Children Addicted to Alcohol and Drugs in Wales

Statistics indicate that alcohol and drug addiction among young people is rising. This trend is very worrying and solutions are not simple. The biggest fear is that these teenagers are setting themselves into a cycle of addiction that will be very tough to break.A recently released report shows that the percentage of children aged under 15 drinking alcohol has risen, and that in Wales specifically, there is a significant rise in admissions to alcohol rehab units following addiction to alcohol and cannabis. According to statistics there were 479 referrals for drug treatment in the period 2010-2011. Although this seems only a slight increase on the figures returned in 2009-2010, (463) it reflects a steady increase on a yearly basis since the studies began in 2008. Perhaps more alarming is the figures showing how much children are generally drinking weekly.

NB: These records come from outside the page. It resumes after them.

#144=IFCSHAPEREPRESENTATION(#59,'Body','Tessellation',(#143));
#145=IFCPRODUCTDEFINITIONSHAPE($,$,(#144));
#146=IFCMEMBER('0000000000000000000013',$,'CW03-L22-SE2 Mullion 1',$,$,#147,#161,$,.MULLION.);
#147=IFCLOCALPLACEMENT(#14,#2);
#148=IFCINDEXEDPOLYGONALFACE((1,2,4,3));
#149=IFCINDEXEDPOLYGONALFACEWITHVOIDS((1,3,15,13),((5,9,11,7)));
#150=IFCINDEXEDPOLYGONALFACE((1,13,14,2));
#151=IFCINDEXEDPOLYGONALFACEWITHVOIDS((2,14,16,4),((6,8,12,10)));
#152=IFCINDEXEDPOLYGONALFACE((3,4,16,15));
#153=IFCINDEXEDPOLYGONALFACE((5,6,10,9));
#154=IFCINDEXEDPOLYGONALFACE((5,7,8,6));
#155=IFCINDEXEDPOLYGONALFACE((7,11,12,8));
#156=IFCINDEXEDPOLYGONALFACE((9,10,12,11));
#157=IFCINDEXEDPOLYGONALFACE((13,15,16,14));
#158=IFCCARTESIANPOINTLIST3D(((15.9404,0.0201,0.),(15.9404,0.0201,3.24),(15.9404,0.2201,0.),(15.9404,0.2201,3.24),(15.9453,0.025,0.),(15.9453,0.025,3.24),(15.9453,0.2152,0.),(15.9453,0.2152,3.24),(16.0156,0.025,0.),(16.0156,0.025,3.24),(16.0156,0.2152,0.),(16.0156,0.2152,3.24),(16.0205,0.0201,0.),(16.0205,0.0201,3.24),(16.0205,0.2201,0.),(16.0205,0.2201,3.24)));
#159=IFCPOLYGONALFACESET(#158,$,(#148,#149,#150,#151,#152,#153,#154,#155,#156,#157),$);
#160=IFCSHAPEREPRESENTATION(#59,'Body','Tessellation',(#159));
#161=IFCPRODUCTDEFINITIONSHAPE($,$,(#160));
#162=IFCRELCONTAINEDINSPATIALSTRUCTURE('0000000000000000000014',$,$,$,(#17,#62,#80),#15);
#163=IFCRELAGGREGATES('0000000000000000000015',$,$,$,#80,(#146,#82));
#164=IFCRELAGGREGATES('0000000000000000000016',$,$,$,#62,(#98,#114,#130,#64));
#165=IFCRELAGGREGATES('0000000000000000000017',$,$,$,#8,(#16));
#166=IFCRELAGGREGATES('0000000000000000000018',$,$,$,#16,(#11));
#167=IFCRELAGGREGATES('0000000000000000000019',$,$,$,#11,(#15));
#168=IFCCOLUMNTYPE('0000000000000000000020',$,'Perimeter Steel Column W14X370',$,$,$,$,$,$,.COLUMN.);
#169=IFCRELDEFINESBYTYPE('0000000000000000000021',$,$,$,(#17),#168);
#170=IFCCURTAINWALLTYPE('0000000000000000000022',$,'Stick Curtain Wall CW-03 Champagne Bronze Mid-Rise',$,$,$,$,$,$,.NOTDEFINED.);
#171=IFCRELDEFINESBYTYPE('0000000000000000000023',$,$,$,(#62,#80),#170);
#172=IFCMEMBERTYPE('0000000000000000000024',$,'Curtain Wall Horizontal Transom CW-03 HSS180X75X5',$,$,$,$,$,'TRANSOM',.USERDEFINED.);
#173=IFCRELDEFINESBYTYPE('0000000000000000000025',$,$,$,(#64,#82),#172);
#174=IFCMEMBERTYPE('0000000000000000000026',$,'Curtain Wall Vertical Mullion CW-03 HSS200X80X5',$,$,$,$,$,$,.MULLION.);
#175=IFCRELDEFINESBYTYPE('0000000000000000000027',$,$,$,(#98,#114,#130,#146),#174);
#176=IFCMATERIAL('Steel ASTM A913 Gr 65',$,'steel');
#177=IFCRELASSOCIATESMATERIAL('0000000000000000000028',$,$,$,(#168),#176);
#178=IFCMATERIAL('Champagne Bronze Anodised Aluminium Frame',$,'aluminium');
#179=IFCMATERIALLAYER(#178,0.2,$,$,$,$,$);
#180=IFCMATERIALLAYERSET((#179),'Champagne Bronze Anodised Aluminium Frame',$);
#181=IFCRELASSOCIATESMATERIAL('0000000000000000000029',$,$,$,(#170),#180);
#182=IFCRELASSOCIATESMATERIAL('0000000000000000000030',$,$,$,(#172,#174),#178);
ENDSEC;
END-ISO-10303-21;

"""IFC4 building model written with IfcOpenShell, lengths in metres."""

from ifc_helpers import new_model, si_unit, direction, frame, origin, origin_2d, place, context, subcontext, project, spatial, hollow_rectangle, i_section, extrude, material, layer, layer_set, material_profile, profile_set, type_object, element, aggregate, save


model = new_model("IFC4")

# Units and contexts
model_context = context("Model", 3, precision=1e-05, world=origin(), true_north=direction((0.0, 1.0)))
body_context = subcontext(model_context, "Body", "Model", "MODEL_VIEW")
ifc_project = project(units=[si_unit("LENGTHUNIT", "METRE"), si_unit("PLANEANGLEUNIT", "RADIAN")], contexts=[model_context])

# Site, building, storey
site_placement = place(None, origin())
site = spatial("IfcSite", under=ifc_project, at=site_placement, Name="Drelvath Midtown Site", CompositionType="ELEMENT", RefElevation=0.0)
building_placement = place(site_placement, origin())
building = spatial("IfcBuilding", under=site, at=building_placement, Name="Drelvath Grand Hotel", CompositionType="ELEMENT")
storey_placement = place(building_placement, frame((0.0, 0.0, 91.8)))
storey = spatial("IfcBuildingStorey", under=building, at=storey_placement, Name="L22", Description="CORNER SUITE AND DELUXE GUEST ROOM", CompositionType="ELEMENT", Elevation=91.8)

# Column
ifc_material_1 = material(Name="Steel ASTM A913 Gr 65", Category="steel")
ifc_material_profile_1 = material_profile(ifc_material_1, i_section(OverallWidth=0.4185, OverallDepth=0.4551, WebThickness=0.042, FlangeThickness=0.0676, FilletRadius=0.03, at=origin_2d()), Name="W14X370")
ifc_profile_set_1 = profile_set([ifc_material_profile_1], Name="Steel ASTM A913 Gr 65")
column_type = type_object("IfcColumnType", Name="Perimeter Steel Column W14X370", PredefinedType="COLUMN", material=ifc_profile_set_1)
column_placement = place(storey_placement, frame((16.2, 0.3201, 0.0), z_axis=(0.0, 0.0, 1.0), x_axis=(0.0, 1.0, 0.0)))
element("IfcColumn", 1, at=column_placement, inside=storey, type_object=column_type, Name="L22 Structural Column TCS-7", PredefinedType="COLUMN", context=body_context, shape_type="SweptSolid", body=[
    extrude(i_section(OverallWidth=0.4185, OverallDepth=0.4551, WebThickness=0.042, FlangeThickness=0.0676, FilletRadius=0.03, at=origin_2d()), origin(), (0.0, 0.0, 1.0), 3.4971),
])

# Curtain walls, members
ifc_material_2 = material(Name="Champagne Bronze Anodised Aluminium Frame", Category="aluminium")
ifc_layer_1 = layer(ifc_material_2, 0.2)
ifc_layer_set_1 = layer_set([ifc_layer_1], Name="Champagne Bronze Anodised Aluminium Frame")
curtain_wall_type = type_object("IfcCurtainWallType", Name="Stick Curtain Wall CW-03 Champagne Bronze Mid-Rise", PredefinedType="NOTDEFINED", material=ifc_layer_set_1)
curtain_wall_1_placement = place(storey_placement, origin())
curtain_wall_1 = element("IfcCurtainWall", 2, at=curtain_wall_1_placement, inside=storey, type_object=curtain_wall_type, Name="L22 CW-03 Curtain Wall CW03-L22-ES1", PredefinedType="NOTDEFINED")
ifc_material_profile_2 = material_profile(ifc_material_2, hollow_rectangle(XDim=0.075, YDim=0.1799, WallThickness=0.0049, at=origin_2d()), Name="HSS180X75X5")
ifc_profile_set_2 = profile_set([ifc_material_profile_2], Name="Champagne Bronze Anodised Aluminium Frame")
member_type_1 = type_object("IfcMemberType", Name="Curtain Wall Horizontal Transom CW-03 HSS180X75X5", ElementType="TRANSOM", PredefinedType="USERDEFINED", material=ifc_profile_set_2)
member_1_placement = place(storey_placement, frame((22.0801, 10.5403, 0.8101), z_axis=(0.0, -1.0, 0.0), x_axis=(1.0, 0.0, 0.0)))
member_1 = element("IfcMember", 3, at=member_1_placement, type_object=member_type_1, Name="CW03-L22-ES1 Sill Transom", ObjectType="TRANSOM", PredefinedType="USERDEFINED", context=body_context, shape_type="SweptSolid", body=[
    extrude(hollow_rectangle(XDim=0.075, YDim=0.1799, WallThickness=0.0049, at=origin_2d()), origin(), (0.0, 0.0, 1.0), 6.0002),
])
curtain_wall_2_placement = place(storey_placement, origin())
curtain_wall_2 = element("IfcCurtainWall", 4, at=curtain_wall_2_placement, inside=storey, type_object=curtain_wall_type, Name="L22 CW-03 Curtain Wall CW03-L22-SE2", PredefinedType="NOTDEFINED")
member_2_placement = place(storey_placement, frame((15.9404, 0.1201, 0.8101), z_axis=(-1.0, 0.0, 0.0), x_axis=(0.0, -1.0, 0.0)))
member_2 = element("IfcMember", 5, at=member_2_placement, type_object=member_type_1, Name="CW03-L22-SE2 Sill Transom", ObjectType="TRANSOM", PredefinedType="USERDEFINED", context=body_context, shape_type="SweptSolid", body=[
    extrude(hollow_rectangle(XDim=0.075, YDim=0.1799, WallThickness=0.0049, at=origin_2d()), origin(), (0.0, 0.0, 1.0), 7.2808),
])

The study found that as many as 4% of young children between the ages of 12 and 13 are drinking the equivalent of 19 glasses of wine per week – or 28 units of alcohol or more. This is far and above the advised level for an adult let alone a child. The study which focused on the behaviours of 83,000 pupils in Years Six, Eight and 10 across the UK, revealed that 11% of Year 10 pupils drank more than 10 units of alcohol in the last week.

Abuse was not just restricted to alcohol. There appears to be more drug treatment referrals for children after they have abused stimulants, tranquilisers and sedatives. What is perhaps more alarming is the fact that teenagers are admitting to using legal drugs to “get a high”. The danger with abuse of legal drugs is it much more difficult to monitor and police, and to restrict access. Also because these legal substances are not reported in the media, the detrimental effects are not spoken about –so children are not realising the risks they are running.

Jane Roberts, helpline manager at the Wales Drugs and Alcohol line said: “They have no idea what they’re taking. If they can go somewhere and buy this stuff and it isn’t illegal, they’re assuming it’s safe and it doesn’t mean that at all. There are also questions about quantity. People seem to be taking bag-fulls of this stuff. They don’t realise it will take a while to take effect so when it doesn’t seem to do anything immediately they take more. It’s so dangerous.”

The other issue which concerns experts in the alcohol and drugs treatment field is that these children could unwittingly be setting themselves on an addictive cycle. If these behaviours are allowed to go on, it could become part of a social cult, and for the teenager – who is at the age where they want to rebel against everything – this could be a hard issue to break.